No Cristianismo, São João da Cruz e Santa Teresa D’ávila, no século XVI, trataram do tema da purificação. O processo catártico da alma em São João da Cruz é descrito a partir daquilo que ele chama de a noite escura da alma (La Noche Oscura del Alma). A Noite Escura é um processo de purificação realizado por Deus, onde a alma é despojada de seus apegos e imperfeições. Ele distingue duas fases de purificação que são a própria catarse mística: a Noite Passiva dos Sentidos, que é a purificação das faculdades sensíveis e dos prazeres terrenos; e a Noite Passiva do Espírito, que é a purificação das faculdades espirituais, do intelecto e da vontade, que é a catarse mais profunda e dolorosa, mas essencial para a união final. Teresa d’Ávila, por sua vez, fala da jornada da alma através de metáforas, como a metáfora das primeiras moradas (ou via purgativa). Em sua obra Castelo Interior, as primeiras moradas representam o estágio inicial onde a alma precisa se purificar dos pecados e iniciar uma vida de oração. Esse caminho inicial de ascetismo e luta contra os vícios é a Via Purgativa, que corresponde à catarse e prepara a alma para as purificações mais profundas e passivas (as Noites Escuras de São João da Cruz).

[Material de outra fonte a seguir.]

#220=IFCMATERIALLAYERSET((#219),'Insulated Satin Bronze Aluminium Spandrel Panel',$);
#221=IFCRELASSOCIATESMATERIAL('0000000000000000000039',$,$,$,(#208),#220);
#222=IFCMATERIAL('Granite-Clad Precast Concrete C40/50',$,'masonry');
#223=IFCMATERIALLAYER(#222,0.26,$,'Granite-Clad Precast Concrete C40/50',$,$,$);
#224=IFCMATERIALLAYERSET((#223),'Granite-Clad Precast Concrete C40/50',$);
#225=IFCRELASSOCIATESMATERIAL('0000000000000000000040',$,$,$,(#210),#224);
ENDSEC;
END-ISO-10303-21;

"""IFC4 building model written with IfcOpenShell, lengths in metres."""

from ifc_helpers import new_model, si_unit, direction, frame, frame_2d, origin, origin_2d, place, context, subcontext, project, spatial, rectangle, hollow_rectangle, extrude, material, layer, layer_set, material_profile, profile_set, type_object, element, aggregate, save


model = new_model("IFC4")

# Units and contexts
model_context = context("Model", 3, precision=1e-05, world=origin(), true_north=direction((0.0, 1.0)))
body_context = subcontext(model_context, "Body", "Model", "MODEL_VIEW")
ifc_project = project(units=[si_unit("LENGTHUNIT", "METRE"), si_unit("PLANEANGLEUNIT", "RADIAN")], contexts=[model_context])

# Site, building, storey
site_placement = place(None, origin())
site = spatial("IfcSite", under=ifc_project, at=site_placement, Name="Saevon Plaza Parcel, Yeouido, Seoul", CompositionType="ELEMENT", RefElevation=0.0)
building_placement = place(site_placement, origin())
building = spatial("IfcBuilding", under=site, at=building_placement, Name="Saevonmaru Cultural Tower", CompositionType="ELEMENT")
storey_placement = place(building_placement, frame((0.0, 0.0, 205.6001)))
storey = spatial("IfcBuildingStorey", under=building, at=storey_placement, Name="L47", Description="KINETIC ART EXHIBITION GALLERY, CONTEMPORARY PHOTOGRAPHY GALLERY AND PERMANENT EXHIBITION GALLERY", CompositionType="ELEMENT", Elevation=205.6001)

O conceito de catarse também está presente na vasta e complexa obra do filósofo e místico italiano Pietro Ubaldi. Catarse que deve ser entendida como princípio de purificação e transformação moral, física, psíquica e espiritual. Para Ubaldi, a vida é um processo contínuo de evolução e nesse caminho, o sofrimento e a dor não são meros castigos, mas instrumentos de purificação e aprendizado essenciais, análogos a um processo catártico. A catarse, no sentido ubaldiano, é uma etapa necessária para que ocorra a ascensão espiritual. Ubaldi fala de transformação e transmutação biológica, de evolução espiritual, psíquica e orgânica. A purificação moral se completa pela purificação orgânica. Ocorre uma transformação substancial na existência do ser. Ao falar da sua história de vida pessoal, Ubaldi relata como ele travou dentro de si uma intensa luta entre o bem e o mal, e dessa luta resultou o seu processo catártico de sublimação do espírito (ver por exemplo, as obras: As Noúres, Ascese Mística, História de Um Homem).
A Simbologia do Fogo Purificador
A ideia de purificação e catarse está, frequentemente, associada ao símbolo do fogo.

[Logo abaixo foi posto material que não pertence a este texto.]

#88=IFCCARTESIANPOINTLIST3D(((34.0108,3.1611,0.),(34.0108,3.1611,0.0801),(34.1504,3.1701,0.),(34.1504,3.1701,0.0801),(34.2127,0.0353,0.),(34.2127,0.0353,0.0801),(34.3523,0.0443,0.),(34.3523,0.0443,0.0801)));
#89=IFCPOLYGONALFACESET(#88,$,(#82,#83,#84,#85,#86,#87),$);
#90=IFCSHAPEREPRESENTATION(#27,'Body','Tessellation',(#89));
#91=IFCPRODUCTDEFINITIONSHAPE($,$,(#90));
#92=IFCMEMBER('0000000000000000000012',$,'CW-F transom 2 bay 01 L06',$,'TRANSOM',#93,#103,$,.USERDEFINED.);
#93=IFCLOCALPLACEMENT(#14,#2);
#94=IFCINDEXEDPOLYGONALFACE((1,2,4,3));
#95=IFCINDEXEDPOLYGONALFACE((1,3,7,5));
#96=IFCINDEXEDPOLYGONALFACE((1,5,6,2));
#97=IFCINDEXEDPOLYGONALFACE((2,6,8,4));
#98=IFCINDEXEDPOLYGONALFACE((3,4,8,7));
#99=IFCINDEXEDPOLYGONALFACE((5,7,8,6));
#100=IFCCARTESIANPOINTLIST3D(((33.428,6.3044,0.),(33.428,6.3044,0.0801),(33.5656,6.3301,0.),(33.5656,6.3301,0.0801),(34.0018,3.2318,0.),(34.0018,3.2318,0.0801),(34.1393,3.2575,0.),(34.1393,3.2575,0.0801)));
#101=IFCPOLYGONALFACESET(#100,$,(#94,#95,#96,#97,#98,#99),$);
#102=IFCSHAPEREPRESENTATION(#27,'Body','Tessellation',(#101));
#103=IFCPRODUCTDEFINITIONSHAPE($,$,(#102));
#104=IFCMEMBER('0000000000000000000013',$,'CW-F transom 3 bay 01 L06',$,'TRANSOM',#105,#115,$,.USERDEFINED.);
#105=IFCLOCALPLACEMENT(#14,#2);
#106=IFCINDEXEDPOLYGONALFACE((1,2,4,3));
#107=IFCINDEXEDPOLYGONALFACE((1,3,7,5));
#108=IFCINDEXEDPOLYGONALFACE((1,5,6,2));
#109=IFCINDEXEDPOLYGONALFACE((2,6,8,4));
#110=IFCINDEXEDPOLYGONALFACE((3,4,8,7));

Uma das histórias mais fascinantes a este respeito é o mito de fênix. A Fênix é uma das criaturas mitológicas mais conhecidas e poderosas, descrita como uma ave magnífica, muitas vezes comparada a uma águia gigante, com plumagem em cores vibrantes, simbolizando a imortalidade, o renascimento e os ciclos da vida. O mito da Fênix tem suas raízes no Antigo Egito, onde era associada ao deus-sol Rá e ao conceito de renovação. Mais tarde, foi incorporado e popularizado pela mitologia grega e outras culturas. Acredita-se que a Fênix vive por um longo período (algumas lendas falam em 500 anos). Quando sente que seu fim está próximo, ela constrói um ninho, que é consumido pelo fogo e, das próprias cinzas, uma nova Fênix surge, reiniciando o ciclo.

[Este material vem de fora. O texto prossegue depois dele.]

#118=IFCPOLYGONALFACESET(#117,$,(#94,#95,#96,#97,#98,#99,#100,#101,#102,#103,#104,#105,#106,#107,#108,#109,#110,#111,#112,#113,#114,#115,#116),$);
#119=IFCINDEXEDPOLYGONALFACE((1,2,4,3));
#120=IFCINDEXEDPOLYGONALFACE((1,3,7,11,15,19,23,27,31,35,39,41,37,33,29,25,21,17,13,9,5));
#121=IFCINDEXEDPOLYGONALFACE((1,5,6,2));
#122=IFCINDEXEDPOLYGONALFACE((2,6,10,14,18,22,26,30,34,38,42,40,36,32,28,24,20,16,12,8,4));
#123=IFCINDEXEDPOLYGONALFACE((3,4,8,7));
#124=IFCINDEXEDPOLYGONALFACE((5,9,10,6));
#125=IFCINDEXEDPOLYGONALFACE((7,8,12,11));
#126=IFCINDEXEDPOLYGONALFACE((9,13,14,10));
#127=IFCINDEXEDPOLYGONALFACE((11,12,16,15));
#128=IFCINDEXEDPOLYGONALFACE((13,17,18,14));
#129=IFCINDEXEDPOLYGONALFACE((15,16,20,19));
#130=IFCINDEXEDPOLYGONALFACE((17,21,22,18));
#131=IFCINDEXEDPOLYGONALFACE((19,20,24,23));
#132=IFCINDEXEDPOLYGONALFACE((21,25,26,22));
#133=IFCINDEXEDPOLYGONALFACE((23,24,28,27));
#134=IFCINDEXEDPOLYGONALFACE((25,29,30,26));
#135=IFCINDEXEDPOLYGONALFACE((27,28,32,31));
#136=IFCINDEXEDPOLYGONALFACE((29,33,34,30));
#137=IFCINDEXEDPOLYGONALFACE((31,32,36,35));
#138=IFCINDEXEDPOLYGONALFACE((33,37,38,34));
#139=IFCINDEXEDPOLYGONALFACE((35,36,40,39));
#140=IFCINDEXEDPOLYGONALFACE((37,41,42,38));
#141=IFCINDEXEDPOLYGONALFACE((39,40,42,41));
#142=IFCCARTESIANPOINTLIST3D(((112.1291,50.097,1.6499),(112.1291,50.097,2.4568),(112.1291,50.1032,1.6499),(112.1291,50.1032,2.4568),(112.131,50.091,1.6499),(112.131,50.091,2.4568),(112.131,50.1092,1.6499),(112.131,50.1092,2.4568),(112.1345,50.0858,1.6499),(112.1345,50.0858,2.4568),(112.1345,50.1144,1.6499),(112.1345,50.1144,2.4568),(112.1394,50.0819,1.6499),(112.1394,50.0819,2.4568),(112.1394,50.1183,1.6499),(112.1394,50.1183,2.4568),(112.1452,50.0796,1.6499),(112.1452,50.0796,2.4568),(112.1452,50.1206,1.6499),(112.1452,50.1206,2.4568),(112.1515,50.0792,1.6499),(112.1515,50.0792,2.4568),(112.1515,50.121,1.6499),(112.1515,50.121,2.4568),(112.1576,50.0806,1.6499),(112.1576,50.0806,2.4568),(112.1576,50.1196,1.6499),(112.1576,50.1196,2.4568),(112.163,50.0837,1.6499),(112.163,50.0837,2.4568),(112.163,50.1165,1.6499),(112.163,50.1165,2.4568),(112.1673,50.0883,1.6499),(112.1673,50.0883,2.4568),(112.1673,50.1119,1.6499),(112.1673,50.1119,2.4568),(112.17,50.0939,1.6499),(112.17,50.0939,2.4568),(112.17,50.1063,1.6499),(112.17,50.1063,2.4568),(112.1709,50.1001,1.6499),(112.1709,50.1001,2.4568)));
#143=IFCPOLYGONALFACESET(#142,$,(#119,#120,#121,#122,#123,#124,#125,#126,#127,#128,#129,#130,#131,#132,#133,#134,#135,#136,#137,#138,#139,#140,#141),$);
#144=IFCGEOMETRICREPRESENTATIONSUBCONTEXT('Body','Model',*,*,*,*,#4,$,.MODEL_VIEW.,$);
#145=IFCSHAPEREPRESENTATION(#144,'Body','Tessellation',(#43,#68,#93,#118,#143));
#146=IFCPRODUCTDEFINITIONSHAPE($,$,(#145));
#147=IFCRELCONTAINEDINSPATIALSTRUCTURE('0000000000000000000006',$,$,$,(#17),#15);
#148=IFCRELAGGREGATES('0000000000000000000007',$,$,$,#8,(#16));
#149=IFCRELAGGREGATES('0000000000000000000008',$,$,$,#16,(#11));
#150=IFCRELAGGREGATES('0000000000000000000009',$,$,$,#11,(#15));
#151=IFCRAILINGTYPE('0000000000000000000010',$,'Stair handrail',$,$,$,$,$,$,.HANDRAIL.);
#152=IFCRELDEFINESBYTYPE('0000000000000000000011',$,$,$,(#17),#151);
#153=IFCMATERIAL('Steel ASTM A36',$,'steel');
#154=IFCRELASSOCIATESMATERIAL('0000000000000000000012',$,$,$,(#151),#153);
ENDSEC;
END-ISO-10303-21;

Tão antiga quanto o mito da fênix é a tradição da Alquimia, que vê no fogo o elemento principal de transformação e purificação. E aqui não se trata apenas de transformação das substâncias químicas, como transformar o mercúrio em ouro, mas também em sentido espiritual, de purificação do indivíduo. Na antiguidade, o fogo era considerado um dos quatro elementos clássicos, juntamente com a água, a terra e o ar. Do ponto de vista físico, havia a compreensão de que através do fogo seria possível transformar uma substância (como no caso do ferro fundido) e até uma substância em outro: a lendária busca pela pedra filosofia e a transformação do mercúrio em ouro. Na prática laboratorial da alquimia, o fogo estava intrinsecamente ligado à operação de calcinatio (calcinação). Esta é a primeira das sete operações alquímicas, onde a matéria-prima é aquecida a altas temperaturas, reduzindo-a a cinzas (pó seco). Através do fogo e da manipulação de substâncias como o enxofre, o mercúrio e o sal, buscava-se a transmutação dos elementos. Simbolicamente, entretanto, o fogo também representava a energia psíquica sendo o motor da transmutação não só dos metais, mas também da alma, por isso, de acordo com essa tradição, o fogo interior do alquimista é essencial para o sucesso da Grande Obra.
Na tradição oriental do Hinduísmo, o fogo (Agni) é uma divindade importante e é central em rituais de purificação, sacrifícios e cremações, representando a transformação e a conexão com o divino. No ritual védico do fogo (Yajña ou Homa), Agni recebe as oferendas (oblata) e as transporta para as outras divindades no céu. O Rigveda (o mais antigo dos textos sagrados hindus) começa com um hino a Agni. Agni, em sânscrito, significa literalmente “fogo” e é a personificação divina desse elemento. Agni manifesta-se em três níveis cósmicos: como fogo na Terra (o fogo sacrificial); como relâmpago na atmosfera; como o Sol no céu.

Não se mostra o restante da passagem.